Topic Models

../_images/topic_models.png

Build topic models based on term-document matrices.

Author

Aris Xanthos

Signals

Input:

  • Textable crosstab

    A term-document matrix in Textable PivotCrosstab format

Outputs:

  • Term-topic Textable table

    A table (in Textable PivotCrosstab format) showing the association between terms and topics

  • Document-topic Textable table

    A table (in Textable PivotCrosstab format) showing the association between documents and topics

  • Term-topic Orange table

    A table (in Orange format) showing the association between terms and topics

  • Document-topic Orange table

    A table (in Orange PivotCrosstab format) showing the association between documents and topics

Description

This widget takes a term-document matrix in input (such as emitted by Textable’s Count widget) and applies one of several topic modelling methods to these data in order to infer latent, fuzzy word and document categories.

Two of the underlying methods (Latent Dirichlet and Latent semantic indexing allocation) are based on the Gensim third-party package while the third method (correspondence analysis) uses Orange’s internal implementation.

The widget’s output are two pairs of tables (one in Textable format and one in Orange format): term-topic tables show how strongly each topic is associated to each term, and document-topic tables displays their association with each document.

In addition, the widget’s interface shows the list of terms that are most strongly associated with each topic. In the case of Latent semantic indexing and Correspondence analysis, the displayed terms are those that are either positively or negatively associated with each latent dimension (or factor, or component), and an indication of the proportion of variance (or inertia) explained by each topic is also given (see figure 1 below).

Interface

The widget’s interface requires little input from the user (see figure 1 below): the desired topic modelling Method (Latent Dirichlet allocation, Latent semantic indexing, or Correspondence analysis) and the Number of topics to be computed.

Interface of the Topic Models widget

Figure 1: Topic Models widget interface.

The Info section indicates that the input has been correctly processed, or the reason why no output is emitted (no input, etc.).

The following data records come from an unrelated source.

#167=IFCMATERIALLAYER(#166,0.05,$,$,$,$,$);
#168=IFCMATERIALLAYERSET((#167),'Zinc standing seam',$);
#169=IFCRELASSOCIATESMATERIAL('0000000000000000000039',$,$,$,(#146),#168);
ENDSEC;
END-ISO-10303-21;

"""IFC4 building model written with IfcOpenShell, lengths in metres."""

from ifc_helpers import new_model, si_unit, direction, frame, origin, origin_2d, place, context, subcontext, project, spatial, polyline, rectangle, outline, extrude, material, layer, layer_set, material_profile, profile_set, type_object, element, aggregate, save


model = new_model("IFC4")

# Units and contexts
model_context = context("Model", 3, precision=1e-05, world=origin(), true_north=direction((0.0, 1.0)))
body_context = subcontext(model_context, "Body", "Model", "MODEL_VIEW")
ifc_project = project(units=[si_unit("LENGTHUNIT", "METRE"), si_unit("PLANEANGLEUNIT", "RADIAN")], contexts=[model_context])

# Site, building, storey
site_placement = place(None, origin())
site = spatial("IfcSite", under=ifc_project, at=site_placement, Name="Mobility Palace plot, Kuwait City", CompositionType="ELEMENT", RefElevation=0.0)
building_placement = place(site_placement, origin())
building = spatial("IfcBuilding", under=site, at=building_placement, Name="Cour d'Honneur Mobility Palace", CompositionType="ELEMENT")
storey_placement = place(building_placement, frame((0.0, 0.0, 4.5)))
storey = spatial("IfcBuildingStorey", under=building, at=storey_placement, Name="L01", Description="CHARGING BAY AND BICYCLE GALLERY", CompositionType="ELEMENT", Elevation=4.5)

The Send button triggers the computation and emission of term-topic and document-topic tables to the output connection(s). When it is selected, the Send automatically checkbox disables the button and the widget attempts to automatically emit results at every modification of its interface.

Messages

Information

Tables correctly sent to output.
This confirms that the widget has operated properly.

Warnings

Settings were changed, please click ‘Send’ when ready.
Settings have changed but the Send automatically checkbox has not been selected, so the user is prompted to click the Send button (or equivalently check the box) in order for computation and data emission to proceed.
Widget needs input
A term-document matrix (in Textable PivotCrosstab format) should be input in the widget.